Conversations around commercial adoption of IMH would need to transpire between Honeywell Aerospace and Airbus and Boeing, whose aircraft have a tremendous amount of sensors that provide valuable data about the health of the aircraft and engines.
IoT of Aviation: Honeywell Aerospace’s progress to date
But even using past and current generation sensor technology, Honeywell Aerospace is already working to facilitate what company senior director, connected aircraft Erica Brinker referred to during a media briefing at New York LaGuardia Airport as “informed decision-making” – i.e. anticipating the things you can do if you have the data ahead of time, like reducing operational costs, enhancing safety, and avoiding turbulence and bad weather. And that is where Honeywell Aerospace believes its JetWave connectivity hardware, which supports Inmarsat’s Global Xpress Ka-band connectivity service, will play its part in ferrying the data from sensors to the ground.

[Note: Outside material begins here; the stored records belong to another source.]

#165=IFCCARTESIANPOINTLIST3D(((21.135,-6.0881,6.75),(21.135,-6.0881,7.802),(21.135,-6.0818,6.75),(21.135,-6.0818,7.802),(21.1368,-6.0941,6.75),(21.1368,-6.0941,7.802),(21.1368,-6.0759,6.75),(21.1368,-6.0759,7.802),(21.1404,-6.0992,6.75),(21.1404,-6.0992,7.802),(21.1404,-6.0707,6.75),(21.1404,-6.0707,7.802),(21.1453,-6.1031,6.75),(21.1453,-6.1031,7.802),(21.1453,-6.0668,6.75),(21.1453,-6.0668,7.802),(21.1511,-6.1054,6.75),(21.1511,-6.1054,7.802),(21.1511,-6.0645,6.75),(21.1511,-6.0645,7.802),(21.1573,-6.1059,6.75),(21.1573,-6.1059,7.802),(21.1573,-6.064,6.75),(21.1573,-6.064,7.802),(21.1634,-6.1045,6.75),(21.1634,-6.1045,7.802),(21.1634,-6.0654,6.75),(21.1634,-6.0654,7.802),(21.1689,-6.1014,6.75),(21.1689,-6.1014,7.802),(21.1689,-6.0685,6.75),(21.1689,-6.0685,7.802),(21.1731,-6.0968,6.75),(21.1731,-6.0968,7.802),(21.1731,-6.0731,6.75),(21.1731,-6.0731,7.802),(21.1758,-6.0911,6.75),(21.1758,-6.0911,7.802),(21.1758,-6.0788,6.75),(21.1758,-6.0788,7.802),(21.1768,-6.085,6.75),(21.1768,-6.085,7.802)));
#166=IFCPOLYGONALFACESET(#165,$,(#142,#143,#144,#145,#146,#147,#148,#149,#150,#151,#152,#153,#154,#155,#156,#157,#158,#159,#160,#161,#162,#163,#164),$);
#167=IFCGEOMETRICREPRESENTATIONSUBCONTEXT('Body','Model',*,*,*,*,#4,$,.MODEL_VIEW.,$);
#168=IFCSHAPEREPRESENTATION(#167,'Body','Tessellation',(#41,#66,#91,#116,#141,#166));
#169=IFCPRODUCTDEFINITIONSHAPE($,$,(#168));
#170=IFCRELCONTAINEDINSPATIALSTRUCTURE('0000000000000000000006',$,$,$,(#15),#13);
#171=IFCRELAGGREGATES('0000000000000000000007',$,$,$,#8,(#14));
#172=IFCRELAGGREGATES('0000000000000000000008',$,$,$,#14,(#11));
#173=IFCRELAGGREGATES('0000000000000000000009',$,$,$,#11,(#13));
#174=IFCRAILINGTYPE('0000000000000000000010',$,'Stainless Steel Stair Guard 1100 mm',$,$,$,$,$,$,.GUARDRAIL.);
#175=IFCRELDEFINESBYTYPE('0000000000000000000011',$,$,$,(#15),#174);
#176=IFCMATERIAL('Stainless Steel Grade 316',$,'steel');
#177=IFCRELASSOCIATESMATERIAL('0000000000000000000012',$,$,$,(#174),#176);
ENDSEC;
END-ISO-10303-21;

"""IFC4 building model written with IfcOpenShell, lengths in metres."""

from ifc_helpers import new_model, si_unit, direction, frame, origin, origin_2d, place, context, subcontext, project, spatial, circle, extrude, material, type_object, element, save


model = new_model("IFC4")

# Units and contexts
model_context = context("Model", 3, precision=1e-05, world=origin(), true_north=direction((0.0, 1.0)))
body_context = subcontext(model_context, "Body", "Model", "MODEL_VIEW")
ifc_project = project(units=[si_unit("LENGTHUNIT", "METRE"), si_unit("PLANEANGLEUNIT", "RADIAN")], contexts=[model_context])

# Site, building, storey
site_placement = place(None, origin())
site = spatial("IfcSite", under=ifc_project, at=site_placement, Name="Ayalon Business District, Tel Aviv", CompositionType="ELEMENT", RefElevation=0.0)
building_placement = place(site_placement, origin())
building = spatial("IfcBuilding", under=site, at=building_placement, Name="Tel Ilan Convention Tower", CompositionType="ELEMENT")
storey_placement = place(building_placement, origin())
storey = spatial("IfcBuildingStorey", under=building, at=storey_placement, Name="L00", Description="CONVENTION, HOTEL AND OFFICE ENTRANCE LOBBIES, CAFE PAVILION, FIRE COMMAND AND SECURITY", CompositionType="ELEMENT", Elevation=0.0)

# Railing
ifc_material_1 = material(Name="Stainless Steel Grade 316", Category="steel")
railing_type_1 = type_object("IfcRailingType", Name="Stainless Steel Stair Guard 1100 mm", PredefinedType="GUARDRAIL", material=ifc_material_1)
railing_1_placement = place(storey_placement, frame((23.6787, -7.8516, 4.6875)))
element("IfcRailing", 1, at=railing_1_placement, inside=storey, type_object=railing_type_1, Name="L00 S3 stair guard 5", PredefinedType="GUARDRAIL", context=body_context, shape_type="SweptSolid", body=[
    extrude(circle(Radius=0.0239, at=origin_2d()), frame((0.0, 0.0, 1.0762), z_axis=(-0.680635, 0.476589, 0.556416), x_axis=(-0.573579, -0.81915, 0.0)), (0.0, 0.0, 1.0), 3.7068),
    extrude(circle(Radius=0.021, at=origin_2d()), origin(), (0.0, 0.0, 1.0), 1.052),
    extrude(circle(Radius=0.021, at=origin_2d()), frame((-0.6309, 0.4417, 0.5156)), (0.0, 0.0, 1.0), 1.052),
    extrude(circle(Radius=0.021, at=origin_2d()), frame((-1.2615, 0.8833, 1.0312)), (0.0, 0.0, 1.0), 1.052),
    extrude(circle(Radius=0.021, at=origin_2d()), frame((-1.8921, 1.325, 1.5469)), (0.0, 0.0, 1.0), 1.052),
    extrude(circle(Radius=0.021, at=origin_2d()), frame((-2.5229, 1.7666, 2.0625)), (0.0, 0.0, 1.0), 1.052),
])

At present, a lot of health monitoring data from commercial aircraft transmits in-flight over ACARS, or are offloaded when the aircraft hits the gate. But, said Smith, “I think it’s best to unload the data when you’re in the air so the maintenance people can be ready. Certainly, there is an advantage if it can only be done at the gate, but if you are going to reduce cycle time for maintenance, you need to send while in the air.” Sending the data via Global Xpress would be far faster and more efficient than ACARS.
Indeed, some of the things Honeywell is looking at with the maintainers of aircraft “is how do we take advantage, through [inflight] connectivity, of all the installed pieces of hardware and sensors; there is a lot of data coming off of an airplane. Honeywell now has gotten the ability to take a lot of that data off the airplane and do something with it,” said director, fight services Kiah Erlich during the media briefing.
GoDirect Connected Maintenance for auxiliary power units, to include wheels, brakes and environmental control systems. “So with our connected wheels and brakes we have the ability now [for you] to take your cell phone out and take a picture of the brakes and it will know exactly what the wear and tear is,” explained Erlich.
“We have an algorithm built in that takes from the camera and it knows how much [wheels and brakes have] worn down; it measures it for you automatically. Taking that a step further with sensors, the sensors will Bluetooth that connection to your phone and tell the maintainer, tell the pilot, tell whoever in the flight department needs to know, exactly what the wear and tear is on that brake and when that needs to be replaced.
Eventually, Honeywell Aerospace will “take that a step further where we’ll have prognostics”, said Erlich. “We’ll know exactly when those wheels and brakes are going to be wearing down, and we’ll send you the part automatically. A lot of that will be coming.”
Added the Honeywell spokesman, “One of the biggest costs in aviation is missed schedules due to maintenance at the gate, so we’re trying to improve airlines’ bottom line and improve the customer experience for those of us who travel a lot.”